After all this I decide not to leave the firebase until my final ride home, even not going on R&R.
Excerpt from Seven In A Jeep by Ed Gaydos
For the moment Swede was a corporal. Over a 12-year career he had been up and down the enlisted ranks, working his way up to sergeant and in a single act getting busted down to private. Just before deployment to Vietnam he slugged a staff sergeant, whom Swede insisted had it coming. Now he was on the rise again, having worked his way back up to corporal. Swede gave no thought to regulations, and he worried even less about getting caught.
He was a huge guy with a shock of blonde hair. Two large front teeth came out when he smiled, the dental work of a rabbit mounted in the head of a water buffalo. He was a simple guy who laughed with his whole body and was quick with his fists. Swede spent his evenings drinking and playing poker. He told me the reason getting busted never bothered him was that he made more money at cards than he ever earned in military pay.

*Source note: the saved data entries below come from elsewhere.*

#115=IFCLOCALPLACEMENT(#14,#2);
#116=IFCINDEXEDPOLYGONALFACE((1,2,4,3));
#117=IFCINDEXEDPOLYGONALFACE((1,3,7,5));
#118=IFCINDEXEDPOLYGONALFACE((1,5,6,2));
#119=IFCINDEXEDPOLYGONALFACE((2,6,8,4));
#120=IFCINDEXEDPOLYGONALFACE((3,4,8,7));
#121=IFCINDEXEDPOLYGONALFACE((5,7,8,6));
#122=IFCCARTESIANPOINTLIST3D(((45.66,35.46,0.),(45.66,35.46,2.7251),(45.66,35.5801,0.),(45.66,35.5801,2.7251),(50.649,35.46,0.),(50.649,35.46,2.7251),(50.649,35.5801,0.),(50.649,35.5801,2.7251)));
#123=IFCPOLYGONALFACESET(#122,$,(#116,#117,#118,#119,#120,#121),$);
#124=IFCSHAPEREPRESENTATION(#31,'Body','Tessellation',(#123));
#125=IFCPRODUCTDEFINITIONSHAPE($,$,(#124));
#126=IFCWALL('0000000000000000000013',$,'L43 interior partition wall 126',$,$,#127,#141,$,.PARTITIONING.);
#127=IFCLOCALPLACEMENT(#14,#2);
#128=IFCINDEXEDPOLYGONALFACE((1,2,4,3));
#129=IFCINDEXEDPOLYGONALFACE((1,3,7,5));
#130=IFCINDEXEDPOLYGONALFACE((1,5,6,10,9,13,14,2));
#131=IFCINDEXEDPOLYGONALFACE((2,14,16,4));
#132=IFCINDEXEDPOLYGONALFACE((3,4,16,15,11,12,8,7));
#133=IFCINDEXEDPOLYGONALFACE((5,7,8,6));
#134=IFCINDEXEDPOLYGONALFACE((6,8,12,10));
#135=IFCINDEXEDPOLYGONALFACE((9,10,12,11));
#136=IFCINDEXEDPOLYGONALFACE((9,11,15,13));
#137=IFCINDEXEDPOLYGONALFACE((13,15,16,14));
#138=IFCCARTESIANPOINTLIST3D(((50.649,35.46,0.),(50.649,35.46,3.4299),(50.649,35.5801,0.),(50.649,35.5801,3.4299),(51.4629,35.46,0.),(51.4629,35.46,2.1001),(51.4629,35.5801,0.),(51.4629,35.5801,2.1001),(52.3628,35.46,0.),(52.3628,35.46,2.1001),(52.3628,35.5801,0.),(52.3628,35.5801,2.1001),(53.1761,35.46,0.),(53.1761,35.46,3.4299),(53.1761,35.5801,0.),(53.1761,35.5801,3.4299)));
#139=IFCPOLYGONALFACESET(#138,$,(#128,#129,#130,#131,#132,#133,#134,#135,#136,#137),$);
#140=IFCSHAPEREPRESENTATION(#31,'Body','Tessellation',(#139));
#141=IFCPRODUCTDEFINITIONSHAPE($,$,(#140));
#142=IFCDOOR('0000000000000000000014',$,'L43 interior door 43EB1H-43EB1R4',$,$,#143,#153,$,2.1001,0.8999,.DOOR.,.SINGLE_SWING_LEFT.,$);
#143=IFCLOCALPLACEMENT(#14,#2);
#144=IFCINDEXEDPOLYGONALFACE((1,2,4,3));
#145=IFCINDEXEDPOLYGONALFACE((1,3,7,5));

I played poker with the Swede and I was one of the few who came away from the table with some money in my pocket. He played a lot of hi-low games, which are split the pot games where you can have two winners. I would always try to go the opposite way that the Swede went, unless I had a pat hand. I came out one night with close to 200 bucks. That money lasted me a long time. I played with him a few more times and then I decided I wasn’t going to stretch my luck and I just walked away. He kept getting after me to play again so he could win the money back.
I remember going on a convoy to Phan Thiet with the Swede. He’s inside a brothel on a bad street, and I’m the new guy guarding the jeep outside with my M16 and ammo looking all around to make sure nobody’s coming up on me.

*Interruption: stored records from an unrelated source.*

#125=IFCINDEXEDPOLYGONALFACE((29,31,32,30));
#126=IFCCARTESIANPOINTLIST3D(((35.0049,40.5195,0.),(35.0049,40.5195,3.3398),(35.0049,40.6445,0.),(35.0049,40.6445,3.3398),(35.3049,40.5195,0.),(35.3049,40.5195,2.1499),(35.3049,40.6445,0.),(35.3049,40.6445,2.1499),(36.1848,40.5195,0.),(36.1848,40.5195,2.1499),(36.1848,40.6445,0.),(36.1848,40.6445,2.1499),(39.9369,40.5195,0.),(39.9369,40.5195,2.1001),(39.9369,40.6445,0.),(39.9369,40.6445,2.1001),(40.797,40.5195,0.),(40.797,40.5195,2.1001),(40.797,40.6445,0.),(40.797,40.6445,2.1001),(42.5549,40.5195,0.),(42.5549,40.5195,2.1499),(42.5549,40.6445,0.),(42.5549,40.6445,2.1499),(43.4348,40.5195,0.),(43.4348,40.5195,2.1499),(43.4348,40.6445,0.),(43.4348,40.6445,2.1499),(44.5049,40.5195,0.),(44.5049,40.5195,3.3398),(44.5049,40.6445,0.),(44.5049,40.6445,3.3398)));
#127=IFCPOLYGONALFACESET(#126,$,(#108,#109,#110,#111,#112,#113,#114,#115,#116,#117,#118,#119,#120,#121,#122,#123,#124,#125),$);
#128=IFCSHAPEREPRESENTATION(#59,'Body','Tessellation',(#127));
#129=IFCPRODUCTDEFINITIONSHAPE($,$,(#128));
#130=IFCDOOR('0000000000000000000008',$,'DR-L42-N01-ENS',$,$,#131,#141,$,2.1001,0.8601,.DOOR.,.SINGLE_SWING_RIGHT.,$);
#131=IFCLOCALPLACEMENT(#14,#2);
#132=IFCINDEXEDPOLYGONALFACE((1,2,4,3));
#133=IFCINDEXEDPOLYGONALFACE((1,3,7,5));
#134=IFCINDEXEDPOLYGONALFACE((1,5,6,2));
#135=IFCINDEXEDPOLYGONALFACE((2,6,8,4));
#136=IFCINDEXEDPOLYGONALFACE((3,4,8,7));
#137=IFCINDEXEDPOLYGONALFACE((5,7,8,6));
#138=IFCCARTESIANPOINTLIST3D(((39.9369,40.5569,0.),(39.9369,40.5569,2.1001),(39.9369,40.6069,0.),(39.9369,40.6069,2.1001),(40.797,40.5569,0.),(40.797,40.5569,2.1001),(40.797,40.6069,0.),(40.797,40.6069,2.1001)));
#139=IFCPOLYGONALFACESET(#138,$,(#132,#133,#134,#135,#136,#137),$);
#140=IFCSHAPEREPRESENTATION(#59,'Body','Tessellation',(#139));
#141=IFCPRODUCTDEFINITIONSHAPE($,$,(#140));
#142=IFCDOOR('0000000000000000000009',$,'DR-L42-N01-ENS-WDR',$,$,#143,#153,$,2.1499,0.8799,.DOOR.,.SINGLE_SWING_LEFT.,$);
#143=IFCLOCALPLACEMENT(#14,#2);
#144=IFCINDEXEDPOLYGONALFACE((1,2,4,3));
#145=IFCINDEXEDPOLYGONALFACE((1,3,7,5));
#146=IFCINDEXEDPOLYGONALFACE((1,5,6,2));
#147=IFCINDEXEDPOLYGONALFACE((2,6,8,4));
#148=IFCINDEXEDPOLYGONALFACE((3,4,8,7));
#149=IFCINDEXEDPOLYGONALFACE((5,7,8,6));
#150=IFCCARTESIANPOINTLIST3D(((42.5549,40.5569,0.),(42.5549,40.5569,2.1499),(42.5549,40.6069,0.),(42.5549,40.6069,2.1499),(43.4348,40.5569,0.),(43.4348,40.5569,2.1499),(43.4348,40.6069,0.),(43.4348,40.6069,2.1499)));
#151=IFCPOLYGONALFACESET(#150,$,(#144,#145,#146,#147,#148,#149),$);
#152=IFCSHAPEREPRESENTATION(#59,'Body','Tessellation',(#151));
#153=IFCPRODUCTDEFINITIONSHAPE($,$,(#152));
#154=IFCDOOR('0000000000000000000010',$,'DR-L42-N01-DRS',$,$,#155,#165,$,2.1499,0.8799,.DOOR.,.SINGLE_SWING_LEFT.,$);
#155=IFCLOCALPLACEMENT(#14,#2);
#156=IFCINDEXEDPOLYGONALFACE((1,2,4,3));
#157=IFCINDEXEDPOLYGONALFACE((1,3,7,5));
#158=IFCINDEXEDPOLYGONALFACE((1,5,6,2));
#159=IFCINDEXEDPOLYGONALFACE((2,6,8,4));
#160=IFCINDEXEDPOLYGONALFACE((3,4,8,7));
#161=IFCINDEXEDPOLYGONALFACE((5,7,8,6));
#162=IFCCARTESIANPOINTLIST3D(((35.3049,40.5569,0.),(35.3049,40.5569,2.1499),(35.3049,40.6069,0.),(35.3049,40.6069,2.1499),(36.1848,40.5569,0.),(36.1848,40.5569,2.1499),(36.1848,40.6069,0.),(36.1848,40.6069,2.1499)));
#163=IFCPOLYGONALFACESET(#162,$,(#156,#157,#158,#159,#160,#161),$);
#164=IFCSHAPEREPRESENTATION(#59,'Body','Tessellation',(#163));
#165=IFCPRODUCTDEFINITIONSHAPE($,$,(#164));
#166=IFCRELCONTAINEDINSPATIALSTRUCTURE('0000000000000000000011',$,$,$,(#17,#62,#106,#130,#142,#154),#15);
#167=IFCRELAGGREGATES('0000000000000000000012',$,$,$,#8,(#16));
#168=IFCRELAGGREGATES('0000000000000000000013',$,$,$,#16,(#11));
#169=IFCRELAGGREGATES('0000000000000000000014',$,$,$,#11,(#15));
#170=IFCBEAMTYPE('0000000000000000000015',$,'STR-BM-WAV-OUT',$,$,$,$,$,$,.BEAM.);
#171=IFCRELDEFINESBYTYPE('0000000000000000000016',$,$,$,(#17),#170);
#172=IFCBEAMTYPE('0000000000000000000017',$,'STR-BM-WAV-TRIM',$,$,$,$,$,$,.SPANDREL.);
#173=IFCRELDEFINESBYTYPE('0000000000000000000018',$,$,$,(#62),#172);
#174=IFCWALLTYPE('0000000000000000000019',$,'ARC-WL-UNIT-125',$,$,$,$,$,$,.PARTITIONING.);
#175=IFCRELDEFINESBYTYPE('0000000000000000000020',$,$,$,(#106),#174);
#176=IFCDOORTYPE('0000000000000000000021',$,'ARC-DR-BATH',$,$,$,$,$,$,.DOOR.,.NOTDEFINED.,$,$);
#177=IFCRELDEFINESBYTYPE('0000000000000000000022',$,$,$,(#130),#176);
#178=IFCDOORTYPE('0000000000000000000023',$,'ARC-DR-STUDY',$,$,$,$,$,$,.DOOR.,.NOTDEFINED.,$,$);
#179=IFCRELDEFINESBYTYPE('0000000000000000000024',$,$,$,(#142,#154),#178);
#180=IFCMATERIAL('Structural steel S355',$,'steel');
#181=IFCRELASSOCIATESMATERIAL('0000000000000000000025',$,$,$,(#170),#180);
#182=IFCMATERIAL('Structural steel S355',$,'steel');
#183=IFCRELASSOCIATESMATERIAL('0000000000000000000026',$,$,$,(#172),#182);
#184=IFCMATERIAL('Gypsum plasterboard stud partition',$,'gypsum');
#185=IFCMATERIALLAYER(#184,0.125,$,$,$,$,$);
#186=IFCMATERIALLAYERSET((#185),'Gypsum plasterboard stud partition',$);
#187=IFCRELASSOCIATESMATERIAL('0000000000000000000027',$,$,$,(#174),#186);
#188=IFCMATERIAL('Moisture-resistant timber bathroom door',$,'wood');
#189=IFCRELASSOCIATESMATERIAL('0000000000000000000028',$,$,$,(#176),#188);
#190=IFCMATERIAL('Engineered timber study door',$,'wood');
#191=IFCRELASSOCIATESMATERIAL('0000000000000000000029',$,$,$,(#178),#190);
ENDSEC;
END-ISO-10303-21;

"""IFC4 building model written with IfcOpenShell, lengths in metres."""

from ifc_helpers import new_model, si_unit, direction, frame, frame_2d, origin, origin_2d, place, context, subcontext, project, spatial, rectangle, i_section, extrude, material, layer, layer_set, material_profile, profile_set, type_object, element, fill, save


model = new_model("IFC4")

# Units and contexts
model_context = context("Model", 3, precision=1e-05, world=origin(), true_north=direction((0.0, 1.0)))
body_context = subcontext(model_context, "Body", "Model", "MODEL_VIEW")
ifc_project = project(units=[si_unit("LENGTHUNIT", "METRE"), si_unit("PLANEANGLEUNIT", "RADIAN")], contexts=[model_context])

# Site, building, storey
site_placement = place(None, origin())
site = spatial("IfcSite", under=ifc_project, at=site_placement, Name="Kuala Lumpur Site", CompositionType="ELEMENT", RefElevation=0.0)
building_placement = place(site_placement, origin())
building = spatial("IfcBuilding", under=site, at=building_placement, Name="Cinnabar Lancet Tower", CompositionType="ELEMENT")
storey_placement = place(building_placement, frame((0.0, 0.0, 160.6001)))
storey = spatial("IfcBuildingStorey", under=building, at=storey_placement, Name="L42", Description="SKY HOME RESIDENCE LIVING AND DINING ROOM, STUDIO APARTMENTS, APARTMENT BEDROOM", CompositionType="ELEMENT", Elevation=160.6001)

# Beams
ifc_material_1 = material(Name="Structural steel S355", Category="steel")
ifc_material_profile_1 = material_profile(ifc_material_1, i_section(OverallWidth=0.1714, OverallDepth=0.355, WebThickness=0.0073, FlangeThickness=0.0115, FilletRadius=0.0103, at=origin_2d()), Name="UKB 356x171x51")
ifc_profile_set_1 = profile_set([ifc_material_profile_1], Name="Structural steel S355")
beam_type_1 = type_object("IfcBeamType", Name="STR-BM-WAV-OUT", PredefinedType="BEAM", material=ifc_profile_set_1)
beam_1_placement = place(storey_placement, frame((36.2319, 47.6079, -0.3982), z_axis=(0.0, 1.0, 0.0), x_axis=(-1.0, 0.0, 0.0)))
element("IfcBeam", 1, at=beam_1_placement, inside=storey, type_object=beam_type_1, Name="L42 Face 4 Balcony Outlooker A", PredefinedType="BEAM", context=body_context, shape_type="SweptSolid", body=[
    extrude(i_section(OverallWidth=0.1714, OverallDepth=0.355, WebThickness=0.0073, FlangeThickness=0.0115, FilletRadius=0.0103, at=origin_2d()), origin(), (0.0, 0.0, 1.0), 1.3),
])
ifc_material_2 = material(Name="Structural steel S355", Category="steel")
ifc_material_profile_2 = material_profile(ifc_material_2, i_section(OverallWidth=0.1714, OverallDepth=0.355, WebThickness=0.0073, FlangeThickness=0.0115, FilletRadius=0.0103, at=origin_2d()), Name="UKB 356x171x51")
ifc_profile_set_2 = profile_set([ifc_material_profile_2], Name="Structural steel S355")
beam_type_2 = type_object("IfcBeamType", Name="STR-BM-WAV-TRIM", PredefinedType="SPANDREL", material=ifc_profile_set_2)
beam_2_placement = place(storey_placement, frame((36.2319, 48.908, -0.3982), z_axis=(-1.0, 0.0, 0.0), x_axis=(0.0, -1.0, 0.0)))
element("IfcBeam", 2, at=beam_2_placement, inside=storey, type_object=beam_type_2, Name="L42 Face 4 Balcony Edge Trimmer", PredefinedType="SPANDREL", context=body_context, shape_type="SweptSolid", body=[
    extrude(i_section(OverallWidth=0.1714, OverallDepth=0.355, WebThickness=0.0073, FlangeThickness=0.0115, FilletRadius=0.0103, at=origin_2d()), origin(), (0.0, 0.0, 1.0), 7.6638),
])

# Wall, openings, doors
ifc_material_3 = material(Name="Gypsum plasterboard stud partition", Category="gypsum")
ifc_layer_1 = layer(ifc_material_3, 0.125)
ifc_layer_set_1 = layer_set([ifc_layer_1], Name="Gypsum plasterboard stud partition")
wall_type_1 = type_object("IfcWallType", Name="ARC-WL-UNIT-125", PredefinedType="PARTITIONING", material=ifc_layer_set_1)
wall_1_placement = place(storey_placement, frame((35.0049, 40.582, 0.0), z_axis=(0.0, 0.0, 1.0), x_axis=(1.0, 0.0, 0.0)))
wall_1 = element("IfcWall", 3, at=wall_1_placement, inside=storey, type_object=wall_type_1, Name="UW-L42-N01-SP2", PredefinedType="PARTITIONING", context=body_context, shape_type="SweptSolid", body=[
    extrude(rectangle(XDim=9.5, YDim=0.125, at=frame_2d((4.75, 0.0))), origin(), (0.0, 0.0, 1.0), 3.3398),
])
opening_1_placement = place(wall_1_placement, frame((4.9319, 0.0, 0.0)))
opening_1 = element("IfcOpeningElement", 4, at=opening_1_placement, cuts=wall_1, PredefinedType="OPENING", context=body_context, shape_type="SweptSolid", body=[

After just a couple of months I was summoned to the fire direction center (FDC) along with Charlie Snider from Gun 2. I knew Charlie from artillery training at Ft. Sill. We came in country together and ended up together at Sherry.
Lieutenant Anstett, the fire direction officer, said he was assigning us to FDC. He said he was short of fire direction crewmen, and after reviewing all the personnel files he wanted me and Charlie. In high school I took algebra, plane geometry, solid geometry, trigonometry and calculus. I did not take any higher math courses in college because college math was a breeze after all of that. And I have always scored high on aptitude tests, the college SAT for example. I assumed it was the same kind of thing with Charlie’s personnel records.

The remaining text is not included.